In response to nutrient stress, cancer cells have developed strategies to overcome nutrient starvation, and these strategies, such as alterations in cell metabolism, aim to maximize the usage of nutrients and mitigate stress damage [13, 35]. To discover new mechanisms of adaptation to nutritional stress, we compared differentially expressed lncRNAs under nutrient starvation in two CRC cell lines and identified LINC01615 (Fig. 1). Further experiments demonstrated that CRC cells counteract nutrient-limited conditions by means of LINC01615-mediated apoptosis inhibition (Fig. 2). Reports on whether lncRNAs are involved in adaptation to nutrient starvation are still lacking, and this is an in-depth study showing that lncRNAs play an important role in the response to adverse nutritional conditions.

Several lncRNAs have been reported to be associated with the PPP in cancers. In multiple myeloma, the lncRNA PDIA3P interacts with c-Myc to enhance the transcription of G6PD, leading to an increase in PPP flux and promoting the proliferation and drug resistance of multiple myeloma [36]. In osteosarcoma, the lncRNA OR3A4 increased G6PD expression by sponging miR-1207-5p, leading to the activation of the PPP and the increased production of NADPH, thus promoting the growth of cancer cells [37]. Accordingly, in our study, GSEA showed that the differentially expressed gene sets upon LINC01615 knockdown were significantly related to the PPP. To test whether the PPP was involved in LINC01615-mediated regulation of cell survival, we treated cells with a competitive inhibitor of G6PD, 6-AN, and found that the function of LINC01615 could be abolished by 6-AN. Oxidized and nonoxidized PPPs have been identified to be excessively activated in multiple cancers, including breast cancer, pancreatic ductal adenocarcinoma and CRC [3840], and PPP-derived NADPH and R5P function as cytoplasmic free radical scavengers and crucial sources of lipid and nucleotide synthesis [8, 41, 42]. Then, we treated LINC01615-depleted cells with the ROS scavenger NAC and found that NAC significantly reduced apoptosis and enhanced cell survival, suggesting that PPP-dependent ROS production eventually led to the promotion of apoptosis and suppression of cell survival, which is consistent with previous findings that overproduction of free radicals, such as ROS and reactive nitrogen species (RNS), can induce cellular apoptosis, senescence, autophagy, and necrosis [43, 44]. Meanwhile, we cultured LINC01615-depleted cells in medium with additional NADPH or R5P supplementation and found that the synthesis of lipids or nucleotides was enhanced, which provide required intermediates for cell growth necessitating biosynthesis [21] (Fig. 3). These findings suggest that LINC01615 maintains cell growth activity under nutrient-limited conditions.
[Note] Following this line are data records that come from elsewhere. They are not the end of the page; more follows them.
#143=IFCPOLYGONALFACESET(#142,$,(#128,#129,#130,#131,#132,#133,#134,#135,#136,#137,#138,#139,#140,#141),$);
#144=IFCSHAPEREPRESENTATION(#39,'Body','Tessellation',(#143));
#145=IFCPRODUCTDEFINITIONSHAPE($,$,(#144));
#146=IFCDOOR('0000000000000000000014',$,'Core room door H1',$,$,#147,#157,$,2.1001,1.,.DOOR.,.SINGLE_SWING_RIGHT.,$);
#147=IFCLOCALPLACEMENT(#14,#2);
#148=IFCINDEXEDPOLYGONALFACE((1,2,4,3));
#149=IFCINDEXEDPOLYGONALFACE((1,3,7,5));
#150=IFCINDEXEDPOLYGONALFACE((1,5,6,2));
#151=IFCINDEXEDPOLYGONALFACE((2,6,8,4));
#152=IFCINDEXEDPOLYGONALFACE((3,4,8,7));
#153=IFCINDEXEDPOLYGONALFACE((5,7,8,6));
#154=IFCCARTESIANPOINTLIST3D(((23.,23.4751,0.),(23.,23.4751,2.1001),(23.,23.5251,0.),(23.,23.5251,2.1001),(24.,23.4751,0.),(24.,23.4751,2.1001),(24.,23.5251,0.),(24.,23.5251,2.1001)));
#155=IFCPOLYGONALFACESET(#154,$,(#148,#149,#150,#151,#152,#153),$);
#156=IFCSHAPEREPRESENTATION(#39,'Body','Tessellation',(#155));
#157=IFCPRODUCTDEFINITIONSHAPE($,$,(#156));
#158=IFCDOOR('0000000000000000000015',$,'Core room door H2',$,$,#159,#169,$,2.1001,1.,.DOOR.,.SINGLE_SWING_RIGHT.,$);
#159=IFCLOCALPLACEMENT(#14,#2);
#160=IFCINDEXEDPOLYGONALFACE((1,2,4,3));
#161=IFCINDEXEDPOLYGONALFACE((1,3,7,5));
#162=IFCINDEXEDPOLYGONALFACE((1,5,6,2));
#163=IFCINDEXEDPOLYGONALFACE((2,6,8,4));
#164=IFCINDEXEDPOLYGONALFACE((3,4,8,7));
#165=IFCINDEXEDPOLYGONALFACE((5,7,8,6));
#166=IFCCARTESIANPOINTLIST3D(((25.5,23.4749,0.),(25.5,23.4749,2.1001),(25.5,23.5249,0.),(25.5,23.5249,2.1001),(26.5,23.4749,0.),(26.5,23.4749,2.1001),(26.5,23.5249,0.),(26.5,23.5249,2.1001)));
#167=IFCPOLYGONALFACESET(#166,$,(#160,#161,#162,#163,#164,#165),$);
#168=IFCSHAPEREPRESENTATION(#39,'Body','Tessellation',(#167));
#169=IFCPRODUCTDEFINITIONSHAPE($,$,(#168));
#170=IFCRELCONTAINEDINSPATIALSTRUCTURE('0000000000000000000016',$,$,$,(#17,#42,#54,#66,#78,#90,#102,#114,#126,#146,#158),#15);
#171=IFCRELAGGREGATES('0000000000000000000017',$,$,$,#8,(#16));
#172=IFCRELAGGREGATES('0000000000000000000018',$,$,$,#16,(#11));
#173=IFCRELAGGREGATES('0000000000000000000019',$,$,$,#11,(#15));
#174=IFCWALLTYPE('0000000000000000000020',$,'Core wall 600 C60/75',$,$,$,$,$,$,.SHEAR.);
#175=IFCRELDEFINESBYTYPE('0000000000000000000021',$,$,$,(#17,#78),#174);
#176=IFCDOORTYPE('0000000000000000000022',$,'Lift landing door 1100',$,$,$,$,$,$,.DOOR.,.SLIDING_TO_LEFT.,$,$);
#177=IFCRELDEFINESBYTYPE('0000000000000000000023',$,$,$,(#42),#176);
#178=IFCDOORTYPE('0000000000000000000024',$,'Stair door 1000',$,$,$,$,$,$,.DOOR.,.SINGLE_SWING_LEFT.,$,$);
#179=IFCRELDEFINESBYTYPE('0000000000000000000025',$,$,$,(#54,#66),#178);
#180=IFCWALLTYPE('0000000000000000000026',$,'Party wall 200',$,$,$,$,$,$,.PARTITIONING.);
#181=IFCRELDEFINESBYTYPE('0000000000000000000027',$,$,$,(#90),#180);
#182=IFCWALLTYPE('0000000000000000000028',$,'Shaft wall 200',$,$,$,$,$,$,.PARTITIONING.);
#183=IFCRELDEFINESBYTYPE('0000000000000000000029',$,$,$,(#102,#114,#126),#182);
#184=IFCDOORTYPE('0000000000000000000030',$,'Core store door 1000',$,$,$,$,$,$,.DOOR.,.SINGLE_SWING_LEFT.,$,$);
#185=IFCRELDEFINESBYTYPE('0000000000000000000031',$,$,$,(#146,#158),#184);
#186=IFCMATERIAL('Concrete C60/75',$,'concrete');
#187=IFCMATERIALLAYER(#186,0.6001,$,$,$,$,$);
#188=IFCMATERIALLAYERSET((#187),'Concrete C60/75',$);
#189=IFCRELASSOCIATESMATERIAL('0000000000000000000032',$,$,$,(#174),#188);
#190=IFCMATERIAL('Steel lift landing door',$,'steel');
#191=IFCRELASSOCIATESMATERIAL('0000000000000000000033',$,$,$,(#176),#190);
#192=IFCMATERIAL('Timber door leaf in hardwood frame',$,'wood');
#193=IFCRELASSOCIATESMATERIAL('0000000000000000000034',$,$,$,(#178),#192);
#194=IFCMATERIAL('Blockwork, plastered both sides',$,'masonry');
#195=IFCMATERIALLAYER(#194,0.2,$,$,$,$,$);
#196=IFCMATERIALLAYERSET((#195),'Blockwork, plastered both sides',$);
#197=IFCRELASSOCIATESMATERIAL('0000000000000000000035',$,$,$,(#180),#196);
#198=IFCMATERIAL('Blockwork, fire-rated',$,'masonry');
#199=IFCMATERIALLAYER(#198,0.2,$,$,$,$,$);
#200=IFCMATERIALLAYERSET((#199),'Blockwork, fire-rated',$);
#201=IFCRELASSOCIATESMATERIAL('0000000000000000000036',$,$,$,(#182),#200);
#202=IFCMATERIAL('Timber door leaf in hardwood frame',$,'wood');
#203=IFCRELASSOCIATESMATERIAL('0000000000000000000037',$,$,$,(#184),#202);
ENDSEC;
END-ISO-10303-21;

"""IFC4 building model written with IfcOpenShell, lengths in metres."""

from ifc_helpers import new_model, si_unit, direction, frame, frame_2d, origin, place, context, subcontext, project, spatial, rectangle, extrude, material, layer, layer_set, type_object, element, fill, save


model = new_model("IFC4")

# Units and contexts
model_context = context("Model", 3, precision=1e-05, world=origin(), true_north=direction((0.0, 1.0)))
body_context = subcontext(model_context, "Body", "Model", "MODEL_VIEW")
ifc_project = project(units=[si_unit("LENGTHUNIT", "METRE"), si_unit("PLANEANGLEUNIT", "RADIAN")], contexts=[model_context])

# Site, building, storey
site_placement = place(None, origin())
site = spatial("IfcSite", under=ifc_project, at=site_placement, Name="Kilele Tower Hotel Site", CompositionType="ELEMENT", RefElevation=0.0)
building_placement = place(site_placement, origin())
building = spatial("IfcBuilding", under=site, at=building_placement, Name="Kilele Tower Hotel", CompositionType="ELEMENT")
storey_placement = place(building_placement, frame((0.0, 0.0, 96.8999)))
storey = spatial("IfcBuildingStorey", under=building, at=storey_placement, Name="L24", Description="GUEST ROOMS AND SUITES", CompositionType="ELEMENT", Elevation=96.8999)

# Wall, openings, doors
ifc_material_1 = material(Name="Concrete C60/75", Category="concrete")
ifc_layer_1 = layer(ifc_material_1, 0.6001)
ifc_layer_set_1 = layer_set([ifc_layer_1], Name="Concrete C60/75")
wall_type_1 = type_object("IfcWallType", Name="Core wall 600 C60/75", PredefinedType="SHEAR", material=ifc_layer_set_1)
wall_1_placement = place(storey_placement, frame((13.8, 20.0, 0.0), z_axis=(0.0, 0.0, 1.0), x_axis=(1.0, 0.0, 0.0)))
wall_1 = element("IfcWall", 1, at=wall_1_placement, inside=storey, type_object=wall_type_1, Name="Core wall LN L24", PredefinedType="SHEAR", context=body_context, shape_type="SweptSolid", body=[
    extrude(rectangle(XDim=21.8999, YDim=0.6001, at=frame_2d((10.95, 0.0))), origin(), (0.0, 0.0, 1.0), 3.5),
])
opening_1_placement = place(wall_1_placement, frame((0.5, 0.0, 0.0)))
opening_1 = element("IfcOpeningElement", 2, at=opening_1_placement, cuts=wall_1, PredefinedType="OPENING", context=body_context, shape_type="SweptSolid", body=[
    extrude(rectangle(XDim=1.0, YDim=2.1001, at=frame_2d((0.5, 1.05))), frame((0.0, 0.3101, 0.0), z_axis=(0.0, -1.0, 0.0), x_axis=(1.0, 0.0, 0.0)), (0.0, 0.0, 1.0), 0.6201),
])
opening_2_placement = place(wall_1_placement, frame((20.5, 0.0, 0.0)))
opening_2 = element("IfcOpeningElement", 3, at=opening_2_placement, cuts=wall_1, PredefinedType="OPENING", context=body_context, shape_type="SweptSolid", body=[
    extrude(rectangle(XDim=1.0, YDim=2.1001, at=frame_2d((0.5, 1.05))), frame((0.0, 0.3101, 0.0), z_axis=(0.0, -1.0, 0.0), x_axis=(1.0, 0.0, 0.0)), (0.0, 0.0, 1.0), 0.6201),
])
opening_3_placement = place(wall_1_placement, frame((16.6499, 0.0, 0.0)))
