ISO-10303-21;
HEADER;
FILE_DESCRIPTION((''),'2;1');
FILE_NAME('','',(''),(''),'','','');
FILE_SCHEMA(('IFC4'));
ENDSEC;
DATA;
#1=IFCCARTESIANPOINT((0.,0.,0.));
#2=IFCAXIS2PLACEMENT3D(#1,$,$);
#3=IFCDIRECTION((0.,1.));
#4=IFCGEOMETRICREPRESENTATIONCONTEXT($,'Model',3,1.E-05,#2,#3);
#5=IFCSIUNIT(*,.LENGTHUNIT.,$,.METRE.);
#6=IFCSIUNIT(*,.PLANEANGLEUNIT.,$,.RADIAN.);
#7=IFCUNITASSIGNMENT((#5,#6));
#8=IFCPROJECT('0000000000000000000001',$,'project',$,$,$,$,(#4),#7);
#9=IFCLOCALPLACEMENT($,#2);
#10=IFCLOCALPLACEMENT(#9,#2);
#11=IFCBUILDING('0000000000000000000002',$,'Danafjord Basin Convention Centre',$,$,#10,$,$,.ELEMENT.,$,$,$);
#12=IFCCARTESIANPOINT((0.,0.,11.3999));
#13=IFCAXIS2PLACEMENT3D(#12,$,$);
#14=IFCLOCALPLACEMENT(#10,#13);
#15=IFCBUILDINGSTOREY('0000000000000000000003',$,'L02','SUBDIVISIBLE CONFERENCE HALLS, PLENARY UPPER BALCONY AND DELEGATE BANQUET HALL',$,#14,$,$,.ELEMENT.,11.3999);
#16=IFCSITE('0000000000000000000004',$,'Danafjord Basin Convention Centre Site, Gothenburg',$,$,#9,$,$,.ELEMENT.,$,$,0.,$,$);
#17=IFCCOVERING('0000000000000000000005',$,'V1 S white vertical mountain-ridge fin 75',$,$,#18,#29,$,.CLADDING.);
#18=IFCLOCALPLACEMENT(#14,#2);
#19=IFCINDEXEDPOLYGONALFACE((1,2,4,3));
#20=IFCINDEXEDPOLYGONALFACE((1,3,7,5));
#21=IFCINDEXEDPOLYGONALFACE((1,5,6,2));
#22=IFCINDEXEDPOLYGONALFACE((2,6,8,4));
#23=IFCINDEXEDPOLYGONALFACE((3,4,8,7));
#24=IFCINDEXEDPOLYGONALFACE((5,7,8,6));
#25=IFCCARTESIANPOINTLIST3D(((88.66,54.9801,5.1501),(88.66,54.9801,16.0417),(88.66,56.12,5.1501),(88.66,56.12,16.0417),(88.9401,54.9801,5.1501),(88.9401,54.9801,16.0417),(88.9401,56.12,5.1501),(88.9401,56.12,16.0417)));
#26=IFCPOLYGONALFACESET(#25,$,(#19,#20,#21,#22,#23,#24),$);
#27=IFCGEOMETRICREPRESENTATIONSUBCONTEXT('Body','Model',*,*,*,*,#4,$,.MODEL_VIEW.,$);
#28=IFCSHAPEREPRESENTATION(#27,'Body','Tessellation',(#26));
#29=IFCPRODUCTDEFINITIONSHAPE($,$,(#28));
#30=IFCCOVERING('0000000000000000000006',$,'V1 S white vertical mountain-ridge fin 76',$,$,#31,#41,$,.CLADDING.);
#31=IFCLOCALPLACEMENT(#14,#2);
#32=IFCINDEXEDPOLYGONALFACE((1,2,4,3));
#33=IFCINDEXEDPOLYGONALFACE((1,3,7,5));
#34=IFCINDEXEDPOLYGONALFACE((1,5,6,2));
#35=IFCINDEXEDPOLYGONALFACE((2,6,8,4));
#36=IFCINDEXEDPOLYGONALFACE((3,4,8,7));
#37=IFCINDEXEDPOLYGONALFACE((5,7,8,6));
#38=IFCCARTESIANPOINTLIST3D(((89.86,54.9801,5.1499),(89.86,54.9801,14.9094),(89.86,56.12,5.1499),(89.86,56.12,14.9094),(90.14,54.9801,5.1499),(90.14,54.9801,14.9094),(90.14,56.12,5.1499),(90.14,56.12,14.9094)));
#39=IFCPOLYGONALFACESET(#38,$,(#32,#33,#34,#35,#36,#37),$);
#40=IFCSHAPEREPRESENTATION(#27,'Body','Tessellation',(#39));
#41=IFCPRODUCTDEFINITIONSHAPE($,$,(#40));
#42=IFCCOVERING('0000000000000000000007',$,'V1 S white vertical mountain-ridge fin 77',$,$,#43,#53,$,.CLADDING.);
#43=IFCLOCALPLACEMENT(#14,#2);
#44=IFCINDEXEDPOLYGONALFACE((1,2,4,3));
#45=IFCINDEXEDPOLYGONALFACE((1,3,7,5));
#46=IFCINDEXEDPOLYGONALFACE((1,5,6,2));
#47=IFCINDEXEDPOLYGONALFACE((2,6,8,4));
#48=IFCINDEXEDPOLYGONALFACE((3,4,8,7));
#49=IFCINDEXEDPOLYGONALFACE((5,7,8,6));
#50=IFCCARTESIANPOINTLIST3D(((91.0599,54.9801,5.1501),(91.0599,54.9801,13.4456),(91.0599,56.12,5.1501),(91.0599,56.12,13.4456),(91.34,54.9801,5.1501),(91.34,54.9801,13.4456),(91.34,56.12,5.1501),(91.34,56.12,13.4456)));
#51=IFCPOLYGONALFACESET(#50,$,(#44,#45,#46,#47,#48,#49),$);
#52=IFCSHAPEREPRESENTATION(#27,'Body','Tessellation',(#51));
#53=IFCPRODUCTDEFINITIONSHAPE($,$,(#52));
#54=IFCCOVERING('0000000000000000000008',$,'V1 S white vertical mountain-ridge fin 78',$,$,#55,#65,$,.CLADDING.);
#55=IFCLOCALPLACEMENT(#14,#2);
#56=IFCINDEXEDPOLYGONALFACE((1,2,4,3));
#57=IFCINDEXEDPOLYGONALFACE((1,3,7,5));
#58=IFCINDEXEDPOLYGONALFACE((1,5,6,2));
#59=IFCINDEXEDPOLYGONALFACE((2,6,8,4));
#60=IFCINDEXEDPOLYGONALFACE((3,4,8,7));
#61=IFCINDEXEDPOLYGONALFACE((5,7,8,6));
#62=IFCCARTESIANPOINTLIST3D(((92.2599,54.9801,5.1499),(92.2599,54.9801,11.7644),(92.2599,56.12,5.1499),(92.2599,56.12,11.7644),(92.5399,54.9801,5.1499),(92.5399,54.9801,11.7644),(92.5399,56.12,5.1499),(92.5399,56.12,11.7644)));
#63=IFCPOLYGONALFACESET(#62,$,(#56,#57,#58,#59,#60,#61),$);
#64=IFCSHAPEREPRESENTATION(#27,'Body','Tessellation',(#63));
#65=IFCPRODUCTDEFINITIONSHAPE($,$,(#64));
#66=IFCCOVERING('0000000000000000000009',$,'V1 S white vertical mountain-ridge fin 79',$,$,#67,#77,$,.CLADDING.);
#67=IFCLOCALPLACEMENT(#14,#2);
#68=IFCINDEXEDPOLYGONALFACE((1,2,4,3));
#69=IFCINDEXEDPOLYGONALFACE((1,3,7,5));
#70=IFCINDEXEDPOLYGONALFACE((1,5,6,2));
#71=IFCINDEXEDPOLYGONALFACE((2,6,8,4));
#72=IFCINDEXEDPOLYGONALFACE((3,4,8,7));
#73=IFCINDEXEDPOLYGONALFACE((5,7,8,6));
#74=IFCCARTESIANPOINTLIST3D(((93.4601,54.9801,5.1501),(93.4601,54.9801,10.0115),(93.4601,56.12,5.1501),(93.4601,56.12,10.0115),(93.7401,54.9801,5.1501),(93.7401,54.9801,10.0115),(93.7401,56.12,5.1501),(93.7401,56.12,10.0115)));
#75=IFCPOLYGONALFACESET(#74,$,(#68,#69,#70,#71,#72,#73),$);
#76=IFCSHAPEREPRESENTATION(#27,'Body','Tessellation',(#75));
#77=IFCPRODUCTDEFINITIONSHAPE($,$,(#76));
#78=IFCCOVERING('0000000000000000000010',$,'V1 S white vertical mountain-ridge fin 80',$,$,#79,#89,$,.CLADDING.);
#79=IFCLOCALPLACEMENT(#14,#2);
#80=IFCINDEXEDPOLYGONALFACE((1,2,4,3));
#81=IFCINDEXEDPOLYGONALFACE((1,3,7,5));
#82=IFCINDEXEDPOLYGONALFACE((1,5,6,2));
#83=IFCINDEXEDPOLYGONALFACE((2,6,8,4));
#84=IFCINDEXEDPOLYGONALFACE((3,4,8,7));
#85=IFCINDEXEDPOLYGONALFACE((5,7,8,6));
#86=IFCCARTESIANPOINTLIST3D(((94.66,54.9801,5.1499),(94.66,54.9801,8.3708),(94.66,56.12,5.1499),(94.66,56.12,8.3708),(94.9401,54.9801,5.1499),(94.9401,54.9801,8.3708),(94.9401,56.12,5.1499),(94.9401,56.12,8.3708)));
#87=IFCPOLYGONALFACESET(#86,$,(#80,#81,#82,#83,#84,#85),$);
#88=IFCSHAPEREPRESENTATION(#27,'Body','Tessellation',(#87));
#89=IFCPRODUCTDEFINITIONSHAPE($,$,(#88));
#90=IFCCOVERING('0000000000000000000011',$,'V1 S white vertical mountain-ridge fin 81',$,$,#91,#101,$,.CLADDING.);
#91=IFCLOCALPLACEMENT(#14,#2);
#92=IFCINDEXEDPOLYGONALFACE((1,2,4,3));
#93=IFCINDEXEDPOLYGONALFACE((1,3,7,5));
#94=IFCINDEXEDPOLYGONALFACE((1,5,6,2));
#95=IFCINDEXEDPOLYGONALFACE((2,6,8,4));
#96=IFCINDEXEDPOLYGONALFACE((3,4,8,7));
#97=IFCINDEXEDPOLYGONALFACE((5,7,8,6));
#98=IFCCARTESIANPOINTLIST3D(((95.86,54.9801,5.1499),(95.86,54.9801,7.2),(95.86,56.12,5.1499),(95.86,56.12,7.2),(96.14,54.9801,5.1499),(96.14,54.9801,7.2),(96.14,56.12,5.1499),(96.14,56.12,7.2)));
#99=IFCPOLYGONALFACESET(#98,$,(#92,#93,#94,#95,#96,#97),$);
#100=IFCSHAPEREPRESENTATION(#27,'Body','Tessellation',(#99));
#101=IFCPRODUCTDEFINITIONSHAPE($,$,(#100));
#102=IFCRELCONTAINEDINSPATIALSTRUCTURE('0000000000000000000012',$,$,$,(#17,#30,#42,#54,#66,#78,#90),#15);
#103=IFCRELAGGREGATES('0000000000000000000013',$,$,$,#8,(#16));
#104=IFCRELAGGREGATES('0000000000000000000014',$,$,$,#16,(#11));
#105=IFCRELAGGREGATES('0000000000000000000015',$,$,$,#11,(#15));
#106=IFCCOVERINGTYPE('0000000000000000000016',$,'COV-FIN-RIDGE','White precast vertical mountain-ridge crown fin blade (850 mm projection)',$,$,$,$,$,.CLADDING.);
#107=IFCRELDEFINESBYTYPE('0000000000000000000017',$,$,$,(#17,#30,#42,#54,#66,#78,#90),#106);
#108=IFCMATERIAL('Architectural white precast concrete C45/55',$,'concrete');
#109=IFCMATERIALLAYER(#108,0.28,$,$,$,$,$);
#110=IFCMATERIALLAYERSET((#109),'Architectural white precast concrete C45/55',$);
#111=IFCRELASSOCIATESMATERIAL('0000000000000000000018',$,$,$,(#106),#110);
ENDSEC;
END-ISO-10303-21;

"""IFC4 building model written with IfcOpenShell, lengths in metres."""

from ifc_helpers import new_model, si_unit, direction, frame, origin, origin_2d, place, context, subcontext, project, spatial, rectangle, extrude, material, layer, layer_set, type_object, element, save


model = new_model("IFC4")

# Units and contexts
model_context = context("Model", 3, precision=1e-05, world=origin(), true_north=direction((0.0, 1.0)))
body_context = subcontext(model_context, "Body", "Model", "MODEL_VIEW")
ifc_project = project(units=[si_unit("LENGTHUNIT", "METRE"), si_unit("PLANEANGLEUNIT", "RADIAN")], contexts=[model_context])

# Site, building, storey
site_placement = place(None, origin())
site = spatial("IfcSite", under=ifc_project, at=site_placement, Name="Danafjord Basin Convention Centre Site, Gothenburg", CompositionType="ELEMENT", RefElevation=0.0)
building_placement = place(site_placement, origin())
building = spatial("IfcBuilding", under=site, at=building_placement, Name="Danafjord Basin Convention Centre", CompositionType="ELEMENT")
storey_placement = place(building_placement, frame((0.0, 0.0, 11.3999)))
storey = spatial("IfcBuildingStorey", under=building, at=storey_placement, Name="L02", Description="SUBDIVISIBLE CONFERENCE HALLS, PLENARY UPPER BALCONY AND DELEGATE BANQUET HALL", CompositionType="ELEMENT", Elevation=11.3999)

# Coverings
ifc_material_1 = material(Name="Architectural white precast concrete C45/55", Category="concrete")
ifc_layer_1 = layer(ifc_material_1, 0.28)
ifc_layer_set_1 = layer_set([ifc_layer_1], Name="Architectural white precast concrete C45/55")
covering_type = type_object("IfcCoveringType", Name="COV-FIN-RIDGE", Description="White precast vertical mountain-ridge crown fin blade (850 mm projection)", PredefinedType="CLADDING", material=ifc_layer_set_1)
covering_1_placement = place(storey_placement, frame((88.8, 55.55, 5.1501), z_axis=(0.0, 0.0, 1.0), x_axis=(0.0, 1.0, 0.0)))
element("IfcCovering", 1, at=covering_1_placement, inside=storey, type_object=covering_type, Name="V1 S white vertical mountain-ridge fin 75", PredefinedType="CLADDING", context=body_context, shape_type="SweptSolid", body=[
    extrude(rectangle(XDim=1.1399, YDim=0.28, at=origin_2d()), origin(), (0.0, 0.0, 1.0), 10.8916),
])
covering_2_placement = place(storey_placement, frame((90.0, 55.55, 5.1499), z_axis=(0.0, 0.0, 1.0), x_axis=(0.0, 1.0, 0.0)))
element("IfcCovering", 2, at=covering_2_placement, inside=storey, type_object=covering_type, Name="V1 S white vertical mountain-ridge fin 76", PredefinedType="CLADDING", context=body_context, shape_type="SweptSolid", body=[
    extrude(rectangle(XDim=1.1399, YDim=0.28, at=origin_2d()), origin(), (0.0, 0.0, 1.0), 9.7595),
])
covering_3_placement = place(storey_placement, frame((91.2, 55.55, 5.1501), z_axis=(0.0, 0.0, 1.0), x_axis=(0.0, 1.0, 0.0)))
element("IfcCovering", 3, at=covering_3_placement, inside=storey, type_object=covering_type, Name="V1 S white vertical mountain-ridge fin 77", PredefinedType="CLADDING", context=body_context, shape_type="SweptSolid", body=[
    extrude(rectangle(XDim=1.1399, YDim=0.28, at=origin_2d()), origin(), (0.0, 0.0, 1.0), 8.2954),
])
covering_4_placement = place(storey_placement, frame((92.3999, 55.55, 5.1499), z_axis=(0.0, 0.0, 1.0), x_axis=(0.0, 1.0, 0.0)))
element("IfcCovering", 4, at=covering_4_placement, inside=storey, type_object=covering_type, Name="V1 S white vertical mountain-ridge fin 78", PredefinedType="CLADDING", context=body_context, shape_type="SweptSolid", body=[
    extrude(rectangle(XDim=1.1399, YDim=0.28, at=origin_2d()), origin(), (0.0, 0.0, 1.0), 6.6145),
])
covering_5_placement = place(storey_placement, frame((93.6001, 55.55, 5.1501), z_axis=(0.0, 0.0, 1.0), x_axis=(0.0, 1.0, 0.0)))
element("IfcCovering", 5, at=covering_5_placement, inside=storey, type_object=covering_type, Name="V1 S white vertical mountain-ridge fin 79", PredefinedType="CLADDING", context=body_context, shape_type="SweptSolid", body=[
    extrude(rectangle(XDim=1.1399, YDim=0.28, at=origin_2d()), origin(), (0.0, 0.0, 1.0), 4.8613),
])
covering_6_placement = place(storey_placement, frame((94.8, 55.55, 5.1499), z_axis=(0.0, 0.0, 1.0), x_axis=(0.0, 1.0, 0.0)))
element("IfcCovering", 6, at=covering_6_placement, inside=storey, type_object=covering_type, Name="V1 S white vertical mountain-ridge fin 80", PredefinedType="CLADDING", context=body_context, shape_type="SweptSolid", body=[
    extrude(rectangle(XDim=1.1399, YDim=0.28, at=origin_2d()), origin(), (0.0, 0.0, 1.0), 3.2209),
])
covering_7_placement = place(storey_placement, frame((96.0, 55.55, 5.1499), z_axis=(0.0, 0.0, 1.0), x_axis=(0.0, 1.0, 0.0)))
element("IfcCovering", 7, at=covering_7_placement, inside=storey, type_object=covering_type, Name="V1 S white vertical mountain-ridge fin 81", PredefinedType="CLADDING", context=body_context, shape_type="SweptSolid", body=[
    extrude(rectangle(XDim=1.1399, YDim=0.28, at=origin_2d()), origin(), (0.0, 0.0, 1.0), 2.05),
])

save(model, "model.ifc")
We also demonstrated that LINC01615 promotes PPP flux by modulating G6PD splicing under starvation conditions. Splicing is a process in which introns are removed and exons are joined to produce a mature mRNA. The regulation of G6PD expression is controlled by changes in the rate of pre-mRNA splicing [27]. A previous study showed that G6PD pre-mRNA contained an exonic splicing silencer that localized to nt 43–72 of exon 12, and the binding of hnRNPs to the silencer inhibited the splicing of G6PD pre-mRNA [45]. Our results identified hnRNPA1 as a novel protein that interacts with LINC01615 and G6PD pre-mRNA. RNA pulldown demonstrated that hnRNPA1 can bind to exon 12, suggesting that LINC01615 acts as a blocker to inhibit the binding of hnRNPA1 to G6PD pre-mRNA and promote G6PD splicing. Previous research also reports that the enzymatic activity and expression levels of G6PD are regulated by nutritional signals, including a high-carbohydrate diet, polyunsaturated fatty acids, and hormonal signals [46]. Notably, we demonstrated for the first time that serum deprivation altered the expression and activity of G6PD via a lncRNA, which improves our understanding of the complex relationship between nutritional signals and G6PD. More mechanistic research underlying the changes in G6PD “sensing” nutrition signals needs to be carried out in the future.

As a member of the hnRNP protein family [47], hnRNPA1 is a splicing factor and is localized in the nucleus but can shuttle between the nucleus and cytoplasm [48]. The structure of hnRNPA1 contains two conserved RRMs and a flexible glycine-rich C-terminal region consisting of Arg-Gly-Gly tripeptide repeats (RGGs), which participate in both general and specific interactions with proteins or RNAs [49]. Studies have indicated that hnRNPA1 is also essential for controlling the splicing of various gene transcripts, such as CCDC50 [50], PKM [51] and Tau [52]. In addition to the above gene transcripts, our study identified G6PD as a new splicing substrate of hnRNPA1. By constructing a truncated protein, we demonstrated that RRM2 of hnRNPA1 was the functional region for splicing inhibition. LINC01615 promoted G6PD pre-mRNA splicing by competitively suppressing the binding of G6PD pre-mRNA with RRM2 (Figs. 4, 5). These findings enrich the research on the regulatory mechanism of G6PD splicing.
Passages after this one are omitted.